Risk Markets And Politics

Wednesday, August 23, 2006

Nymex: "Evolution is Inevitable"

Nymex seatholders have for some time been contemplating the value of their trading rights versus the equity value in the eventually public exchange. On September 4th, Nymex will begin offering physically settled electronic energy futures. Although it was known to be in the works, this announcement is significant and cues the end-game of futures floor trading in the US. Nymex first launched regular-hour electronic contracts in 2002, but the addition was a half-hearted gesture given the exchange's commitment to floor trading at the time. Volume on the electronic side languished until last year, when competition from the ICE motivated Nymex to back the contracts more fully. Recently, full-size electronic contracts were launched as part of April's agreement with the CME. But even though the electronic side is seeing better volume, it is missing something important: physical settlement, which can only be found on Nymex's floor. Some speculators do prefer cash settlement, but hedgers and even banks, who are among the largest exchange customers in terms of open interest, demand physical settlement. Next month they will be able to get it electronically, and transparently.

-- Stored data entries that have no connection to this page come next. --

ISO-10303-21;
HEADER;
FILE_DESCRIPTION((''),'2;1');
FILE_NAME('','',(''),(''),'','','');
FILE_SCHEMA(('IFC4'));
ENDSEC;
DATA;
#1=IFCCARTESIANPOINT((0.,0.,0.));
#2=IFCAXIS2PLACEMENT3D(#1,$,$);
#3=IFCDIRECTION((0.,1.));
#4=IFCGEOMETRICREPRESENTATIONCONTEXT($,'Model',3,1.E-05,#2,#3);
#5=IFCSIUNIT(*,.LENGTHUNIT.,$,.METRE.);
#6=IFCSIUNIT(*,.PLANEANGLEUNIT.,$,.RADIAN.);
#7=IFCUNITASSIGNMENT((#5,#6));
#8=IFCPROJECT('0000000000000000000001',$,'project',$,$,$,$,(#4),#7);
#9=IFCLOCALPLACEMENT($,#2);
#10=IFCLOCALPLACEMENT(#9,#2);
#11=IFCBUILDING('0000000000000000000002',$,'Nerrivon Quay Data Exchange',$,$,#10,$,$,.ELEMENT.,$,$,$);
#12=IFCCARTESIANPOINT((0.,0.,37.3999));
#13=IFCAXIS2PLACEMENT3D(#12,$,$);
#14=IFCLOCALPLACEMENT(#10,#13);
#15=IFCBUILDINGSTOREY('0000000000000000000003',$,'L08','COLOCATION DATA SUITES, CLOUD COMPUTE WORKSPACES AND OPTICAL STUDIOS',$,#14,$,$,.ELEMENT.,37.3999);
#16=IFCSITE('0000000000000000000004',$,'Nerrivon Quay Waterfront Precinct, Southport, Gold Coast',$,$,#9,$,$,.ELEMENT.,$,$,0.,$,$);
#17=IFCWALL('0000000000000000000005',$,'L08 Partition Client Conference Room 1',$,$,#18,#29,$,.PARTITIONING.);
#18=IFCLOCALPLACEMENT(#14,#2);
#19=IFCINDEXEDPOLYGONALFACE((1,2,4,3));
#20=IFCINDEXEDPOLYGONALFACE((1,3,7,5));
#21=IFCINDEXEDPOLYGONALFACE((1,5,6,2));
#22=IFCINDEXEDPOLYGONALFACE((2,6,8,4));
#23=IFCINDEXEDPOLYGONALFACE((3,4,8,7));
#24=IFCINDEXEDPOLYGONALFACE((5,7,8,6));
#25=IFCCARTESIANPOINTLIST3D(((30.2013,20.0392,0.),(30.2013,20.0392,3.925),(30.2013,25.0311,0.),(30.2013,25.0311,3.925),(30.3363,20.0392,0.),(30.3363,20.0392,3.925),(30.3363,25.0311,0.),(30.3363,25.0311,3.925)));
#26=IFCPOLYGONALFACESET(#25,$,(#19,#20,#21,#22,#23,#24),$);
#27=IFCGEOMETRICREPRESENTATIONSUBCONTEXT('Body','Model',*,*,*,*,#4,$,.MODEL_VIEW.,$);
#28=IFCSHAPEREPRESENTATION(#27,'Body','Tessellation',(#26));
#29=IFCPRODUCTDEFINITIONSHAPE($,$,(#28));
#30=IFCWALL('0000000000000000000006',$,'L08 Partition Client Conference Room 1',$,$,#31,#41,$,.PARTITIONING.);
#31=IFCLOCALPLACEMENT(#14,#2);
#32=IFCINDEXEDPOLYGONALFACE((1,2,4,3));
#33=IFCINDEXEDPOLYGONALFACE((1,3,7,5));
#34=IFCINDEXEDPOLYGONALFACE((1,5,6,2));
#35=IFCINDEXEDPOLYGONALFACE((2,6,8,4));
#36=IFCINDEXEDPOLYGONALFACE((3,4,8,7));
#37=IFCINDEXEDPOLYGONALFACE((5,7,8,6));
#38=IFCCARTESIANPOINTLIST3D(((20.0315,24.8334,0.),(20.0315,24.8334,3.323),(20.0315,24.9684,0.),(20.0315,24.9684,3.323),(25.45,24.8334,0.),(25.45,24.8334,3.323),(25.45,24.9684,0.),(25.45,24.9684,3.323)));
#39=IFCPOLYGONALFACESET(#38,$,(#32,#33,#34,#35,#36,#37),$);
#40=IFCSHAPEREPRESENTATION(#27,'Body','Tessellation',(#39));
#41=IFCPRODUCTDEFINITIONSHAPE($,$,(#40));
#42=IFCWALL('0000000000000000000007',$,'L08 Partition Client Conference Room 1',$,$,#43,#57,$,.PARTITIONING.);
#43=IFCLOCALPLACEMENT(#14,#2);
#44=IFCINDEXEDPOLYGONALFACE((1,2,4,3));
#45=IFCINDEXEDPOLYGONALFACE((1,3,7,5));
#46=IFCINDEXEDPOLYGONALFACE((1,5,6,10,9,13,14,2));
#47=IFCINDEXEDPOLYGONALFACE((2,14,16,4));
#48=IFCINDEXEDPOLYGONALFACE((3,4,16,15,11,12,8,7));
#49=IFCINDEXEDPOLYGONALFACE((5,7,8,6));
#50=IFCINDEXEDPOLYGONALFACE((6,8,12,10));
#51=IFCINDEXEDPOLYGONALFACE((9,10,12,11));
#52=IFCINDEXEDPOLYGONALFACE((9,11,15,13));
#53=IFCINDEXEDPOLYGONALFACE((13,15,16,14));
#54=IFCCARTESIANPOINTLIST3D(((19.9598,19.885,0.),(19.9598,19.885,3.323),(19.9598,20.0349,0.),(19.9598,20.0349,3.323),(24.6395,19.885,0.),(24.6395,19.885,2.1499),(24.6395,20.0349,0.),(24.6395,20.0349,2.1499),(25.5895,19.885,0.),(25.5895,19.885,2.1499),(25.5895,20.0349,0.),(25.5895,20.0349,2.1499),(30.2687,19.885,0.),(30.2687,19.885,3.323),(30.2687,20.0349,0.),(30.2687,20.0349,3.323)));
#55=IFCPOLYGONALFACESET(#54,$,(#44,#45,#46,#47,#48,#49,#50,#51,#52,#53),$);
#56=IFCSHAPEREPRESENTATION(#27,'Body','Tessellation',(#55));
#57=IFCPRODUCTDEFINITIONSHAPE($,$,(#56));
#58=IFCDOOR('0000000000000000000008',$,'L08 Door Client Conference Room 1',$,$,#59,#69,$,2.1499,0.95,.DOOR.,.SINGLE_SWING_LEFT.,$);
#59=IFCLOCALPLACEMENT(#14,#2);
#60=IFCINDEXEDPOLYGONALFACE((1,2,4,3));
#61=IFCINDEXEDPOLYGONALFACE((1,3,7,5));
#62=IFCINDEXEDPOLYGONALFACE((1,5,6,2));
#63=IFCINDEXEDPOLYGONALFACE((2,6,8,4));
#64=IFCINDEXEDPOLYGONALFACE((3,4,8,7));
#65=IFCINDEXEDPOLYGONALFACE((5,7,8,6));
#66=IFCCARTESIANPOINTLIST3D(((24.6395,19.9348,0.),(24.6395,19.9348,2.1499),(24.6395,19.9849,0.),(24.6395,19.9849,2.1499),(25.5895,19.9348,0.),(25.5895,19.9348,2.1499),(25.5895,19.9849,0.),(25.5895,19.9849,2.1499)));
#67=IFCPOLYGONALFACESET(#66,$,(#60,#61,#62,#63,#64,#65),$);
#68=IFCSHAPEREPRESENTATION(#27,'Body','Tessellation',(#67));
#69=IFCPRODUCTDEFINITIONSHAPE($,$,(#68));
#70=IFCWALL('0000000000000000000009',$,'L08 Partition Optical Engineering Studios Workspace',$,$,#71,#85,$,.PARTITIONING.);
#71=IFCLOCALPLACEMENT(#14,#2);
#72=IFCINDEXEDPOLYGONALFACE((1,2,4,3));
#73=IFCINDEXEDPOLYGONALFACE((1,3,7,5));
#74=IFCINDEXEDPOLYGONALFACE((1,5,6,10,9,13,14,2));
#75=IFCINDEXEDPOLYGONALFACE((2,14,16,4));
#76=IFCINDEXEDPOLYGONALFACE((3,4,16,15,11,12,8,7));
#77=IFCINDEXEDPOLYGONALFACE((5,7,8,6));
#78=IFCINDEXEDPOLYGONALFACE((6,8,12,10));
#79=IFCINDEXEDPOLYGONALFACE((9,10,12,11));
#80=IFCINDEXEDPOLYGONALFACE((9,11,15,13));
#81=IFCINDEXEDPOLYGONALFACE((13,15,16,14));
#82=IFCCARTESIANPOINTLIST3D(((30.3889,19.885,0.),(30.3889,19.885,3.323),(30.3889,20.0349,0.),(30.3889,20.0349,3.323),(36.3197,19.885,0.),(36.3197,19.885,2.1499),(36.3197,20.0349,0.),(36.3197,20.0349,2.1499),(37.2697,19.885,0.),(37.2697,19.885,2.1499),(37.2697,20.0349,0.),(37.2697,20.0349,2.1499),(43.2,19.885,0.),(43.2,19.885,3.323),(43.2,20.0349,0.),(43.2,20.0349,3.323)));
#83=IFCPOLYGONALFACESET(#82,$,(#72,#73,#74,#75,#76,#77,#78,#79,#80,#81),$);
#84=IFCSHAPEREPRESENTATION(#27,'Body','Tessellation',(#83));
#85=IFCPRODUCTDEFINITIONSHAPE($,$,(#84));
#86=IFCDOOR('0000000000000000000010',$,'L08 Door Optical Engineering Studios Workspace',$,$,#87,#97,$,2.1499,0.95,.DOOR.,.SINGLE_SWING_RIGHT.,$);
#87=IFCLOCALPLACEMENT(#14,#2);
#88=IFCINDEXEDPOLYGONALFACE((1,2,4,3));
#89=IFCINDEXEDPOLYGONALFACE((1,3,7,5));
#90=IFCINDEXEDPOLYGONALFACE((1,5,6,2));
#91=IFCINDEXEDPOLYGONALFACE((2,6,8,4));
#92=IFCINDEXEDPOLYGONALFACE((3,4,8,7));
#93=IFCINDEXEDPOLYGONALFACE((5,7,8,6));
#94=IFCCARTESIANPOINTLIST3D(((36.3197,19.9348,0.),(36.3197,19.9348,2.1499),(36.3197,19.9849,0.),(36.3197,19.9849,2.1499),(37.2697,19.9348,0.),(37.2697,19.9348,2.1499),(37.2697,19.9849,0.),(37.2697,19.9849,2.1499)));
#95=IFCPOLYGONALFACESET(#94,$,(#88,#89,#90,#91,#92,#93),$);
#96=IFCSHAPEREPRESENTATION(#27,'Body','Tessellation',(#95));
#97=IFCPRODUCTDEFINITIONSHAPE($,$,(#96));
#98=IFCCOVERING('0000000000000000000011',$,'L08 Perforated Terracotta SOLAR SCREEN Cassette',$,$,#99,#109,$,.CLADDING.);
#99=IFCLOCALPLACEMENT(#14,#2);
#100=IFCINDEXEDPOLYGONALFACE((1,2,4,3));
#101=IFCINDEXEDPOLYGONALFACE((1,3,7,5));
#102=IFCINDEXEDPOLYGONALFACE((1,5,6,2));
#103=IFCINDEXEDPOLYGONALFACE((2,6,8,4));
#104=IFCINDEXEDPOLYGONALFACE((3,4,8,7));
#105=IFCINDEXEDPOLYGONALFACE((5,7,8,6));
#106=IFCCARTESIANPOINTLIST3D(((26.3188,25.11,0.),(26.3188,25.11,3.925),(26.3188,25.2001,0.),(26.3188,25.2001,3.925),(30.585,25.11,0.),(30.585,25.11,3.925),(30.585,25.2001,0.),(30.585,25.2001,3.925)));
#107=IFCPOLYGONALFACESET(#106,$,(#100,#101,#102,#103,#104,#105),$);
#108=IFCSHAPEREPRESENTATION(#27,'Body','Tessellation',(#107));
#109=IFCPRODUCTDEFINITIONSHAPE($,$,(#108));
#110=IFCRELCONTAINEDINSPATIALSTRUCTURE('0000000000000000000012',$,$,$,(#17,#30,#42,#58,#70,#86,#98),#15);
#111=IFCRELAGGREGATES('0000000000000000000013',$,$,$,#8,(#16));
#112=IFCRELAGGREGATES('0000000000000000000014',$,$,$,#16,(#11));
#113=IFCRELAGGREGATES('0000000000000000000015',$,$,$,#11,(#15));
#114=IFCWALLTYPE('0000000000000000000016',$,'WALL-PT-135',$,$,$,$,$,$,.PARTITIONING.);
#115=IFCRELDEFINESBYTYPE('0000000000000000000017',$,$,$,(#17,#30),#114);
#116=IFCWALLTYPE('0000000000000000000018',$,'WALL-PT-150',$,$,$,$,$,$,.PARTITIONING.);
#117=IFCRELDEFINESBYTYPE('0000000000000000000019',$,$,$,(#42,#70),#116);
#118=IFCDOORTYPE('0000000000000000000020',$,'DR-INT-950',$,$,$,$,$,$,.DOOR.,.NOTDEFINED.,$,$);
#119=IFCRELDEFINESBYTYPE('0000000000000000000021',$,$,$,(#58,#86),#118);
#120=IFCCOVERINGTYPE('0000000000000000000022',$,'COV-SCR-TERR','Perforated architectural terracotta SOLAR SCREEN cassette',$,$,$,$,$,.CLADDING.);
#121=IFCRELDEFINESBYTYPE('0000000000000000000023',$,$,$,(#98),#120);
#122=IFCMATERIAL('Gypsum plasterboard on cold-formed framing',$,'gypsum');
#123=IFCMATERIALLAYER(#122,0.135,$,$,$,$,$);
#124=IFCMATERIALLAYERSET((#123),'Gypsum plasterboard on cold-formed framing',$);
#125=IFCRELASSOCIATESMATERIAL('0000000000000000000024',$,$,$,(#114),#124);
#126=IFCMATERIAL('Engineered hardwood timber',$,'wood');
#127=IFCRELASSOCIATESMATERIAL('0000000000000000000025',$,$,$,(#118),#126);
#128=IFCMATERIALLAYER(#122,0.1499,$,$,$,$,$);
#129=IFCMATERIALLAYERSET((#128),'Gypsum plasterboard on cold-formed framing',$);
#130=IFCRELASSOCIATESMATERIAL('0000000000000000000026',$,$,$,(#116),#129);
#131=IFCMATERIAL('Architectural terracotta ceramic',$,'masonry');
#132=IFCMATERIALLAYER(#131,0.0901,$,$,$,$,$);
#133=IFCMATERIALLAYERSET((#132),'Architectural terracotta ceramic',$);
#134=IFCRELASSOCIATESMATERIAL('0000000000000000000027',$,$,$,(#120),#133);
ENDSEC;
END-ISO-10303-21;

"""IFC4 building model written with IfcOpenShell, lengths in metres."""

from ifc_helpers import new_model, si_unit, direction, frame, frame_2d, origin, origin_2d, place, context, subcontext, project, spatial, rectangle, extrude, material, layer, layer_set, type_object, element, fill, save


model = new_model("IFC4")

# Units and contexts
model_context = context("Model", 3, precision=1e-05, world=origin(), true_north=direction((0.0, 1.0)))
body_context = subcontext(model_context, "Body", "Model", "MODEL_VIEW")
ifc_project = project(units=[si_unit("LENGTHUNIT", "METRE"), si_unit("PLANEANGLEUNIT", "RADIAN")], contexts=[model_context])

# Site, building, storey
site_placement = place(None, origin())
site = spatial("IfcSite", under=ifc_project, at=site_placement, Name="Nerrivon Quay Waterfront Precinct, Southport, Gold Coast", CompositionType="ELEMENT", RefElevation=0.0)
building_placement = place(site_placement, origin())
building = spatial("IfcBuilding", under=site, at=building_placement, Name="Nerrivon Quay Data Exchange", CompositionType="ELEMENT")
storey_placement = place(building_placement, frame((0.0, 0.0, 37.3999)))
storey = spatial("IfcBuildingStorey", under=building, at=storey_placement, Name="L08", Description="COLOCATION DATA SUITES, CLOUD COMPUTE WORKSPACES AND OPTICAL STUDIOS", CompositionType="ELEMENT", Elevation=37.3999)

# Shared definitions
ifc_material_1 = material(Name="Gypsum plasterboard on cold-formed framing", Category="gypsum")

# Shared definitions
ifc_layer_1 = layer(ifc_material_1, 0.135)
ifc_layer_set_1 = layer_set([ifc_layer_1], Name="Gypsum plasterboard on cold-formed framing")
wall_type_1 = type_object("IfcWallType", Name="WALL-PT-135", PredefinedType="PARTITIONING", material=ifc_layer_set_1)
ifc_material_2 = material(Name="Engineered hardwood timber", Category="wood")
door_type = type_object("IfcDoorType", Name="DR-INT-950", OperationType="NOTDEFINED", PredefinedType="DOOR", material=ifc_material_2)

Michael Sankowski's comments on bootstrapping markets reminded me of my experience with the Nymex electronic contracts from 2002 to 2003. Essentially what we had on the oil side were 10-20 market-makers and arbitrageurs — and virtually no-one else. Active markets need a diverse set of traders with different motivations and time-frames. You can't build a market with market-makers and arbs only, even if they are well capitalized. You also need to attract long-term (fundamental) traders, short-term (technical) traders, and of course hedgers, ideally on both sides of the market. (Participants that derive entertainment from their trading can help too.) In the case of Nymex, it wasn't that they didn't "know better". They knew their business well and didn't get behind the electronic contracts until competition made it a necessity.

Leo Melamed, who pioneered financial futures, once said, "[a market] is more than a bright idea. It takes planning, calculation, arm-twisting, and tenacity to get a market up and going." Likewise, Mark Fisher advised me before I left the Nymex scene, "Jason, you don't think right because you think everything is about thinking." This was an exaggeration but he was basically right. Then, at least.

The rise of electronic trading at Nymex is a reminder of how long apparent inevitabilities, or great ideas, can take to develop. This pertains both to developments of new markets and developments within markets. CNBC loves to stress the speed and excitement of markets, but perhaps what is more impressive is how slowly - how painfully slowly - things usually play out. Stocks in the late '90s. Housing in recent years. The current account deficit and the dollar. Concerning new markets, take Robert Shiller's housing futures, which were over a dozen years in the making &mdash and three seconds months after launch many want to write them off as a failure.


  • Jason, your essays on markets are generally thoughtful and thought provoking. I do think that the backhand slap at the housing futures is unwarranted. We have an asset class (housing - $20 trillion) that has never has a derivative attached to it before, save for mortgage instruments. I think that to presume success/failure after three summer months and no multiyear listings yet is far too soon. The CME listings mark the beginning of making housing price a tradable commodity. This will take time. Many old timers remember the launches of eurodollar and oil futures, thinking they were doomed at best. Housing derivatives are only in the neo-natal ward with expectant parents looking in an devising stratgies.

    By Anonymous Fritz Siebel, TFS, at 10:25 AM  

  • Hi Fritz, That was exactly my point since I was talking about how long markets take to develop. It's surprising that anyone would interpret that remark as not being supportive contra the naysayers.

    I can see that open interest in the housing futures is steadily climbing by about $3mm/week, which is encouraging.

    By Blogger Jason Ruspini, at 11:02 AM  

  • Jason, my apologies. I misread the origination of the naysaying. I have not heard any naysaying to date, only minor pecking. I thgink when extended term get listed in Q4, I think the contract will change at a minimum in importance.

    By Anonymous fritz Siebel, TFS, at 11:51 AM  

  • "Essentially what we had on the oil side were 10-20 market-makers and arbitrageurs"

    This is a common approach to populating a new market. As far as I can tell, it doesnt work.

    Like you said a market consists of many different types of traders. The best markets have all of these traders interacting on a second by second basis. However, building a market requires something different as all of these traders will not simply show up, no matter what incentives are offered. So it is necessary to start with an idea of what traders might interact with one another, and how they might interact.

    One part of this ecosystem that has been overlooked by just about everyone trying to get a market started is trade time frame. How long do these traders stay in the market with a single trade? I know you are aware of this from your earlier comments.

    By Blogger Mickslam, at 3:35 PM  

  • In our case, traders were generally discouraged to go home with positions.. so what you had to a large extent was everyone trying to exploit the same intraday strategies such as opening range breakouts. Market-making wasn't effective either since there was no order flow and no "paper".

    Of course, having traders with different time frames is much less of a consideration with event markets.

    Victor Niederhoffer likened markets to ecosystems in another context, but the idea is similar: the various types of market participants have interdependencies.